The Cambodian National Rescue Party (CNRP) has submitted a new law to the National Assembly for consideration that would institute a minimum monthly wage of $150 for garment workers and $250 for civil servants, the newly formed opposition party announced at a press conference yesterday.
The minimum-wage draft law, as well as a second proposed law that would see the creation of agricultural cooperatives were sent to the National Assembly on Wednesday, said Son Chhay, party whip of the Sam Rainsy Party—which last year merged with the Human Rights Party to form the CNRP and challenge the ruling CPP in July’s national elections.
The Council of Ministers last week passed a draft law establishing agricultural cooperatives.
Speaking at the CNRP’s headquarters in Phnom Penh, Mr. Chhay said that funding for increased salaries for garment workers and government employees would come from higher taxes on casinos and economic land concessions.
“We know how to get the money. We will pay them by collecting [more] taxes on casinos and land concessions,” he said, vowing that if that CNRP wins the election in July and fails to institute the suggested wage hike, all opposition lawmakers would resign.
While the government mandates a $61 minimum wage for garment workers, there is no specified equivalent for civil servants, who are largely exempt from the country’s labor laws.
CPP lawmaker Cheam Yeap yesterday said the CNRP’s promise to institute higher wages was mere politicking.
“This is nothing new. This is for their political benefit and is the normal behavior of the losers,” Mr. Yeap said by telephone, arguing that the CPP has increased civil servant salaries by 20 percent every year.
In an open letter sent by Sam Rainsy to the country’s civil servants—which was posted to the CNRP’s website on February 12—the opposition leader says government paychecks are so small that civil servants are forced to literally beg for money. Affixed to his letter was a photograph from a local newspaper showing hundreds of police and soldiers waiting to receive envelopes of cash outside the Phnom Penh mansion of well-known businesswoman Choeung Sopheap during the recent Chinese New Year.
“As a Cambodian, I am embarrassed that a large number of civil servants, police officers and soldiers have to beg for money from businessmen in order to survive,” Mr. Rainsy wrote in the letter.
“I do not blame you. I blame the current government which does not pay much attention to you, who deserve a decent salary.”

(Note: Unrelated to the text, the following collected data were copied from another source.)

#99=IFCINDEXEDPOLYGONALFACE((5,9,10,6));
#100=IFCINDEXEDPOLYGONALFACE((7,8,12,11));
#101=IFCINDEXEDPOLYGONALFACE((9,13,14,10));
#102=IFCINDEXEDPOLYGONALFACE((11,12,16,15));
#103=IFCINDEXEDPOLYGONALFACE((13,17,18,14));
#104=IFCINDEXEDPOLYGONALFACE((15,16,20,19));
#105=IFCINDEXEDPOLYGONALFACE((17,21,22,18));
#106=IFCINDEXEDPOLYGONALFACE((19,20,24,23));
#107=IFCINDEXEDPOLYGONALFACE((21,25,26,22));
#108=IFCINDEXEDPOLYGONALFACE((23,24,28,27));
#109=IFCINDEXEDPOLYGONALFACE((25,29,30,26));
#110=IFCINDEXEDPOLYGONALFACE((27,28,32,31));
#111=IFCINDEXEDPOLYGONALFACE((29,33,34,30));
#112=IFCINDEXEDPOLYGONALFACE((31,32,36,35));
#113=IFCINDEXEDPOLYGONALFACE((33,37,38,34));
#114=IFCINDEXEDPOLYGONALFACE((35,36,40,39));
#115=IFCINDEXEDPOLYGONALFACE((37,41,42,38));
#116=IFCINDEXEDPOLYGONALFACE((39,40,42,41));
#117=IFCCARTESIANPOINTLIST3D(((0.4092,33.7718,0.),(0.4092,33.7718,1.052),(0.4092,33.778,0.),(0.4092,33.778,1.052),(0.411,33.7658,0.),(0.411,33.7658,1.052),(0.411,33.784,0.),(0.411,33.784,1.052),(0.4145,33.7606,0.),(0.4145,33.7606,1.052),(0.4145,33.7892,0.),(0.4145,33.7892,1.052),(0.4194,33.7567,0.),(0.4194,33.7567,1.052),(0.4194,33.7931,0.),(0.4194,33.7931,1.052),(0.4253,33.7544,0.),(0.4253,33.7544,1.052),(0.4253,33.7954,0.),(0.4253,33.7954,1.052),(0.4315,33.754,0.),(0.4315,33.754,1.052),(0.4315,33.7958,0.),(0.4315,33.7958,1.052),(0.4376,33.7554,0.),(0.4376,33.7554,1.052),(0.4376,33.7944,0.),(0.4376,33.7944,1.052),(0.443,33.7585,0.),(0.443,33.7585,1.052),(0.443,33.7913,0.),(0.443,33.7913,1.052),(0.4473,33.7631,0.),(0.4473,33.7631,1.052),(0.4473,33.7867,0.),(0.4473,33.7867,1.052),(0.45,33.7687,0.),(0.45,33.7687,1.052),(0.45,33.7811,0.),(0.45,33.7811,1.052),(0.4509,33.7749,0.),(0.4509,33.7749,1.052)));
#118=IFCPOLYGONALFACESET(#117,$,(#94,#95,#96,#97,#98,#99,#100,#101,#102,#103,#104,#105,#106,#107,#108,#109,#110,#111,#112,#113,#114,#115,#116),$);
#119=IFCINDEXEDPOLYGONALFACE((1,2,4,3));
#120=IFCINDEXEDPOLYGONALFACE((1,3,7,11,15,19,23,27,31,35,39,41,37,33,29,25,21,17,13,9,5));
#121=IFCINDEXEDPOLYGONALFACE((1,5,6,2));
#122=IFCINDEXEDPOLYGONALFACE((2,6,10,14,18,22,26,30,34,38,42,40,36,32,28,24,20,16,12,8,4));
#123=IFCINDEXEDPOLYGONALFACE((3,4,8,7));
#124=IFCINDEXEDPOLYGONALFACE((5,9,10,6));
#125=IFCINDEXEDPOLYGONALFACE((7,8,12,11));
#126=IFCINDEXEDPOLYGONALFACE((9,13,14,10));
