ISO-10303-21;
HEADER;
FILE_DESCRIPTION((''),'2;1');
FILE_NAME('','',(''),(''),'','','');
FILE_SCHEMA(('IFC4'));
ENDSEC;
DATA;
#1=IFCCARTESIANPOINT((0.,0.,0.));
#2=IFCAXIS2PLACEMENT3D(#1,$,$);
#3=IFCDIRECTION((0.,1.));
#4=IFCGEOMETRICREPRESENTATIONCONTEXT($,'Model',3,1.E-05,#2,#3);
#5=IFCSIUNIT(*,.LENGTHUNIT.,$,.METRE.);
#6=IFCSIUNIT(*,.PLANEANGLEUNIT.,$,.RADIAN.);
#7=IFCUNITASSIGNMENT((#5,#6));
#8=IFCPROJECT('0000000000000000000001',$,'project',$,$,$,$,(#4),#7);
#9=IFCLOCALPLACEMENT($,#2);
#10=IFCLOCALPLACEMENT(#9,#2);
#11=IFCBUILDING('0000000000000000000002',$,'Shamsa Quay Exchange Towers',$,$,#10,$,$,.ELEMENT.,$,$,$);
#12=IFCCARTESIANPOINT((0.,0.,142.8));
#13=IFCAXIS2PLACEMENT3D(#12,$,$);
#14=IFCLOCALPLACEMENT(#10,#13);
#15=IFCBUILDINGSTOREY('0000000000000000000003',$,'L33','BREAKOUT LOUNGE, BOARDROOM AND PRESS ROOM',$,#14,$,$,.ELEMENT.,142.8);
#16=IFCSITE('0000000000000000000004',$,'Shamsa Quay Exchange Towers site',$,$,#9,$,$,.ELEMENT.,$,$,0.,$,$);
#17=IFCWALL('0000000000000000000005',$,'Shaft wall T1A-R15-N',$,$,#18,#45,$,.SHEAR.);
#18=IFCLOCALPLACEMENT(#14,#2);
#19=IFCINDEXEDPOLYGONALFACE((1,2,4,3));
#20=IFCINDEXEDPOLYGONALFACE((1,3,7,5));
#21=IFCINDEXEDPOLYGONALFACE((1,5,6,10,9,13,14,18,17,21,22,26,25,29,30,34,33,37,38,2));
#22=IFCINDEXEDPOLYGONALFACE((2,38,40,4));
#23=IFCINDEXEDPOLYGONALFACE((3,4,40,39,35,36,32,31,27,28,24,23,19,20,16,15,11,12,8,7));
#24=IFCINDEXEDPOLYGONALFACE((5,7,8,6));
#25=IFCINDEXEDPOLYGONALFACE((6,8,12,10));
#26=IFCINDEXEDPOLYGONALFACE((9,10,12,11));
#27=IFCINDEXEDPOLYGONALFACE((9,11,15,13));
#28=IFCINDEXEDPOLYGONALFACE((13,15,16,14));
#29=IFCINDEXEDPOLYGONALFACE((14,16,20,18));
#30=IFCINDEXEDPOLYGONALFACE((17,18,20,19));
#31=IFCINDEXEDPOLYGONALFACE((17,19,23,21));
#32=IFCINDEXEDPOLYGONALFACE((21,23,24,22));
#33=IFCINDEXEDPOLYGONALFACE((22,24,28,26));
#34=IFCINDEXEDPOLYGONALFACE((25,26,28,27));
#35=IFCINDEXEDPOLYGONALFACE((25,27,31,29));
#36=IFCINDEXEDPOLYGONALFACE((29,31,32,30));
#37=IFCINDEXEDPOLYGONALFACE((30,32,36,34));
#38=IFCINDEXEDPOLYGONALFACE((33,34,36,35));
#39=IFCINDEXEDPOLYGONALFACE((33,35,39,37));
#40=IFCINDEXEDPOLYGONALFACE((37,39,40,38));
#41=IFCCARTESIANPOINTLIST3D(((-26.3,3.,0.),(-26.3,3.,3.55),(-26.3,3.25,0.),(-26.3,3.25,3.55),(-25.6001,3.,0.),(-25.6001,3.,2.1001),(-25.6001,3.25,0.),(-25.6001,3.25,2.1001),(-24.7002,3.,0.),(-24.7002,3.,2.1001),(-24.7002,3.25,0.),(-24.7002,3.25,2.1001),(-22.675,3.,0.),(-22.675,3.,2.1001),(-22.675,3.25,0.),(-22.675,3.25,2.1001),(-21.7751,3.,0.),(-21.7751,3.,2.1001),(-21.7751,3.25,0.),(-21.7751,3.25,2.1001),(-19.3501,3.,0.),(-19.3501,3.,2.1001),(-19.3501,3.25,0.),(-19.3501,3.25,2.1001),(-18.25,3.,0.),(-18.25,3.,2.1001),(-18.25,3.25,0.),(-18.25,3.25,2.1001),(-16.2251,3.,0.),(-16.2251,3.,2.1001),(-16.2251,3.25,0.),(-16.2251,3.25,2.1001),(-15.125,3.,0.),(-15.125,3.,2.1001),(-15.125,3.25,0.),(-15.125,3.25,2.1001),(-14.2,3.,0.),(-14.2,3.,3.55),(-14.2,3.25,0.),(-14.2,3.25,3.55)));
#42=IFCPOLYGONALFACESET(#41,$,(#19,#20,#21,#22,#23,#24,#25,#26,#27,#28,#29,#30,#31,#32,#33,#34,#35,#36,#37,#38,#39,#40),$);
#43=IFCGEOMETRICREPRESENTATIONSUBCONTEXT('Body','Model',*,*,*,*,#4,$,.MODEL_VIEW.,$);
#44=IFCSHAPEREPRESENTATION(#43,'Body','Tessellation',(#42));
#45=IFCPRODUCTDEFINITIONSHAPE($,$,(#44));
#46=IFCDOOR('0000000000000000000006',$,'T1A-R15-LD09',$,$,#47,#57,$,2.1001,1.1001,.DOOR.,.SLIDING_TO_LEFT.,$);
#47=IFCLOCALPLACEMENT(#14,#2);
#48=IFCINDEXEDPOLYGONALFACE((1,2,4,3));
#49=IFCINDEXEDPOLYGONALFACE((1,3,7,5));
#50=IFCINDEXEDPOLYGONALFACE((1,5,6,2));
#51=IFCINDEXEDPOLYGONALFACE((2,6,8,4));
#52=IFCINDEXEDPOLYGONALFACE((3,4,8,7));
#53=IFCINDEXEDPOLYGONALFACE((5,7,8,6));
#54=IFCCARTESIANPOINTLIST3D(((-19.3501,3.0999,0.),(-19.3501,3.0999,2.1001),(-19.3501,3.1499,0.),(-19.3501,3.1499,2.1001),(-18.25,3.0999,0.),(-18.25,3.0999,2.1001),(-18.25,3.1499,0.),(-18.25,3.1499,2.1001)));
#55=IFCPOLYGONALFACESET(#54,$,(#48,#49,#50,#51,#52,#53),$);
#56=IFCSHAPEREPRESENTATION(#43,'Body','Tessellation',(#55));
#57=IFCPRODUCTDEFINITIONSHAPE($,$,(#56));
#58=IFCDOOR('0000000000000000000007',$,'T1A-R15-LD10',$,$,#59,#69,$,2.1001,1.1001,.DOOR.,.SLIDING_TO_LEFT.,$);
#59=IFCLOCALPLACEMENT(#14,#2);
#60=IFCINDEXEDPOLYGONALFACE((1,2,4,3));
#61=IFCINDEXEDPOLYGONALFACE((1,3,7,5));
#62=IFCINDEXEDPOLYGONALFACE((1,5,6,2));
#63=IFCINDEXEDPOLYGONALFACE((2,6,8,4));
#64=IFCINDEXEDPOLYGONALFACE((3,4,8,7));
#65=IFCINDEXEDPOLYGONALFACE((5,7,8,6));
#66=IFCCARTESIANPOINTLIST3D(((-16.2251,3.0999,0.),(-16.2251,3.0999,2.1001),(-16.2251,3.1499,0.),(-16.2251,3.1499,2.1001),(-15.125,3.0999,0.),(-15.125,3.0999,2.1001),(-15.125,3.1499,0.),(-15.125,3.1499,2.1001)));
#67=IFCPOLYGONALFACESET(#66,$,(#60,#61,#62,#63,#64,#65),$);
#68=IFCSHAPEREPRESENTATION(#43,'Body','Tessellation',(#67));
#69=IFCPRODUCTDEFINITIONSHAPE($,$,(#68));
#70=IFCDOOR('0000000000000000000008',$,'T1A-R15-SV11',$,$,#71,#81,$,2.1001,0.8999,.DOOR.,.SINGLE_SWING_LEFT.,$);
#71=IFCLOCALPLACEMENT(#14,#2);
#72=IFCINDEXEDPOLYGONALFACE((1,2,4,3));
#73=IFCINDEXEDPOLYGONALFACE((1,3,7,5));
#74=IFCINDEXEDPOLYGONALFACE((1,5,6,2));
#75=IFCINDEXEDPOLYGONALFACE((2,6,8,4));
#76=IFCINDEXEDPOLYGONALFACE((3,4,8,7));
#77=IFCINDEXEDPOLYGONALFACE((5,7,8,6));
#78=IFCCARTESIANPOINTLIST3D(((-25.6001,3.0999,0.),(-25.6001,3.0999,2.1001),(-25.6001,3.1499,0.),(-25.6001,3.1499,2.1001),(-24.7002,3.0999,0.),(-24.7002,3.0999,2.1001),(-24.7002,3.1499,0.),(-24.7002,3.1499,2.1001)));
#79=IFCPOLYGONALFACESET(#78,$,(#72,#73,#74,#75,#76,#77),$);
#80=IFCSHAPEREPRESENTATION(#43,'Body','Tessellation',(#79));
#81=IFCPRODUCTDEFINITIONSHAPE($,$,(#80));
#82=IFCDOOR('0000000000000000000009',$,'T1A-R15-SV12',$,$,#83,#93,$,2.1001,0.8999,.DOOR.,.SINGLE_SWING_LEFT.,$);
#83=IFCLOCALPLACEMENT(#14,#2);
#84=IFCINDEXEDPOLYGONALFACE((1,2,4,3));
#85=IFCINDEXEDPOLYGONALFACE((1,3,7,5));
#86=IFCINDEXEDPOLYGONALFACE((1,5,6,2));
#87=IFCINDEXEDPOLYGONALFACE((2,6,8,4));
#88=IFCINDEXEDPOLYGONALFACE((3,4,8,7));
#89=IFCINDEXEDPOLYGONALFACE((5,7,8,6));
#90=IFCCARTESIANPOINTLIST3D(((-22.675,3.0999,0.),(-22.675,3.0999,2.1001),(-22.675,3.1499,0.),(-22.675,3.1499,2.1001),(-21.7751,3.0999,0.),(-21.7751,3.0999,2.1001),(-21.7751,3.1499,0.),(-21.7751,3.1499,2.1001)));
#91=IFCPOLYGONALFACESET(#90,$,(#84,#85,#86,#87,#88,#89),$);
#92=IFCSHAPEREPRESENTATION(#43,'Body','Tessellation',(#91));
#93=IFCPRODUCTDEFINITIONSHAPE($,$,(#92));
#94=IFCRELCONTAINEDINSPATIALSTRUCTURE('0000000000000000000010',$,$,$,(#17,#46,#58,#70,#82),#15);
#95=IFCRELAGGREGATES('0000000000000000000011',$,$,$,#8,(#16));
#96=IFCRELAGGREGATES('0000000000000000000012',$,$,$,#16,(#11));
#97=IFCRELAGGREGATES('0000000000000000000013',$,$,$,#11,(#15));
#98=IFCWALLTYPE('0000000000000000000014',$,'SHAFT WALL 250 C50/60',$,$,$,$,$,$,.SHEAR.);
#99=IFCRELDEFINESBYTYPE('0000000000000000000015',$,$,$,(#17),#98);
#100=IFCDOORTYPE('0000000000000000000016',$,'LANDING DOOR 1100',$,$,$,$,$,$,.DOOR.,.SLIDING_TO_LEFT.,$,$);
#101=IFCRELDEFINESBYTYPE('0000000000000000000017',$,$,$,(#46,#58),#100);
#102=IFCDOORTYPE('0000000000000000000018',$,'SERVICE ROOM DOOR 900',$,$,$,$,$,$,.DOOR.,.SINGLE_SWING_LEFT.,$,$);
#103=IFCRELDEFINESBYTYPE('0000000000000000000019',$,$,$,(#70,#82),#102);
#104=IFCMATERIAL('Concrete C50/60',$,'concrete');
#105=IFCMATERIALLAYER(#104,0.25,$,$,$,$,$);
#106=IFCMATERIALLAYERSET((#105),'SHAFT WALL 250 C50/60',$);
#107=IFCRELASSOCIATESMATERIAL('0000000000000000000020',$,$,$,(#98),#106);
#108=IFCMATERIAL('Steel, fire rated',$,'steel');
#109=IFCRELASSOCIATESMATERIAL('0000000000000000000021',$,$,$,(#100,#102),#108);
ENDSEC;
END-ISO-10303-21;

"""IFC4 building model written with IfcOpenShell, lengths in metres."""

from ifc_helpers import new_model, si_unit, direction, frame, frame_2d, origin, place, context, subcontext, project, spatial, rectangle, extrude, material, layer, layer_set, type_object, element, fill, save


model = new_model("IFC4")

# Units and contexts
model_context = context("Model", 3, precision=1e-05, world=origin(), true_north=direction((0.0, 1.0)))
body_context = subcontext(model_context, "Body", "Model", "MODEL_VIEW")
ifc_project = project(units=[si_unit("LENGTHUNIT", "METRE"), si_unit("PLANEANGLEUNIT", "RADIAN")], contexts=[model_context])

# Site, building, storey
site_placement = place(None, origin())
site = spatial("IfcSite", under=ifc_project, at=site_placement, Name="Shamsa Quay Exchange Towers site", CompositionType="ELEMENT", RefElevation=0.0)
building_placement = place(site_placement, origin())
building = spatial("IfcBuilding", under=site, at=building_placement, Name="Shamsa Quay Exchange Towers", CompositionType="ELEMENT")
storey_placement = place(building_placement, frame((0.0, 0.0, 142.8)))
storey = spatial("IfcBuildingStorey", under=building, at=storey_placement, Name="L33", Description="BREAKOUT LOUNGE, BOARDROOM AND PRESS ROOM", CompositionType="ELEMENT", Elevation=142.8)

# Shared definitions
ifc_material_1 = material(Name="Steel, fire rated", Category="steel")

# Wall, openings, doors
ifc_material_2 = material(Name="Concrete C50/60", Category="concrete")
ifc_layer_1 = layer(ifc_material_2, 0.25)
ifc_layer_set_1 = layer_set([ifc_layer_1], Name="SHAFT WALL 250 C50/60")
wall_type_1 = type_object("IfcWallType", Name="SHAFT WALL 250 C50/60", PredefinedType="SHEAR", material=ifc_layer_set_1)
wall_1_placement = place(storey_placement, frame((-26.3, 3.125, 0.0)))
wall_1 = element("IfcWall", 1, at=wall_1_placement, inside=storey, type_object=wall_type_1, Name="Shaft wall T1A-R15-N", PredefinedType="SHEAR", context=body_context, shape_type="SweptSolid", body=[
    extrude(rectangle(XDim=12.1001, YDim=0.25, at=frame_2d((6.05, 0.0))), origin(), (0.0, 0.0, 1.0), 3.55),
])
opening_1_placement = place(wall_1_placement, frame((6.95, 0.0, 0.0)))
opening_1 = element("IfcOpeningElement", 2, at=opening_1_placement, cuts=wall_1, PredefinedType="OPENING", context=body_context, shape_type="SweptSolid", body=[
    extrude(rectangle(XDim=1.1001, YDim=2.1001, at=frame_2d((0.55, 1.05))), frame((0.0, 0.135, 0.0), z_axis=(0.0, -1.0, 0.0), x_axis=(1.0, 0.0, 0.0)), (0.0, 0.0, 1.0), 0.27),
])
opening_2_placement = place(wall_1_placement, frame((10.075, 0.0, 0.0)))
opening_2 = element("IfcOpeningElement", 3, at=opening_2_placement, cuts=wall_1, PredefinedType="OPENING", context=body_context, shape_type="SweptSolid", body=[
    extrude(rectangle(XDim=1.1001, YDim=2.1001, at=frame_2d((0.55, 1.05))), frame((0.0, 0.135, 0.0), z_axis=(0.0, -1.0, 0.0), x_axis=(1.0, 0.0, 0.0)), (0.0, 0.0, 1.0), 0.27),
])
opening_3_placement = place(wall_1_placement, frame((0.7, 0.0, 0.0)))
opening_3 = element("IfcOpeningElement", 4, at=opening_3_placement, cuts=wall_1, PredefinedType="OPENING", context=body_context, shape_type="SweptSolid", body=[
    extrude(rectangle(XDim=0.8999, YDim=2.1001, at=frame_2d((0.45, 1.05))), frame((0.0, 0.135, 0.0), z_axis=(0.0, -1.0, 0.0), x_axis=(1.0, 0.0, 0.0)), (0.0, 0.0, 1.0), 0.27),
])
opening_4_placement = place(wall_1_placement, frame((3.625, 0.0, 0.0)))
opening_4 = element("IfcOpeningElement", 5, at=opening_4_placement, cuts=wall_1, PredefinedType="OPENING", context=body_context, shape_type="SweptSolid", body=[
    extrude(rectangle(XDim=0.8999, YDim=2.1001, at=frame_2d((0.45, 1.05))), frame((0.0, 0.135, 0.0), z_axis=(0.0, -1.0, 0.0), x_axis=(1.0, 0.0, 0.0)), (0.0, 0.0, 1.0), 0.27),
])
door_type_1 = type_object("IfcDoorType", Name="LANDING DOOR 1100", OperationType="SLIDING_TO_LEFT", PredefinedType="DOOR", material=ifc_material_1)
door_1_placement = place(opening_1_placement, origin())
door_1 = element("IfcDoor", 6, at=door_1_placement, inside=storey, type_object=door_type_1, Name="T1A-R15-LD09", OperationType="SLIDING_TO_LEFT", OverallHeight=2.1001, OverallWidth=1.1001, PredefinedType="DOOR", context=body_context, shape_type="SweptSolid", body=[
    extrude(rectangle(XDim=1.1001, YDim=2.1001, at=frame_2d((0.55, 1.05))), frame((0.0, 0.0249, 0.0), z_axis=(0.0, -1.0, 0.0), x_axis=(1.0, 0.0, 0.0)), (0.0, 0.0, 1.0), 0.05),
])
fill(opening_1, door_1)
door_2_placement = place(opening_2_placement, origin())
door_2 = element("IfcDoor", 7, at=door_2_placement, inside=storey, type_object=door_type_1, Name="T1A-R15-LD10", OperationType="SLIDING_TO_LEFT", OverallHeight=2.1001, OverallWidth=1.1001, PredefinedType="DOOR", context=body_context, shape_type="SweptSolid", body=[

Mr. Rainsy—who fled to France in 2009 to avoid an 11-year prison sentence on charges widely seen as politically motivated—is scheduled to visit Singapore, Malaysia and Burma beginning today, according to the CNRP. During the 10-day regional tour, he will meet with Malaysian opposition leader Anwar Ibrahim and Burmese pro-democracy champion Aung San Suu Kyi.
Interior Ministry spokesman Lieutenant General Khieu Sopheak yesterday said that despite Mr. Rainsy’s proximity to Cambodia during the tour, the government would not request his extradition to Cambodia because, as a dual-citizen, he would be traveling on a French passport.
“How can another country send him if he has a French passport?” he said.
Instead, Lt. Gen. Sopheak said, the government would “just wait” for Mr. Rainsy to return of his own volition. “The door of Prey Sar [prison] is open for him now. He can come whenever he wants,” he said.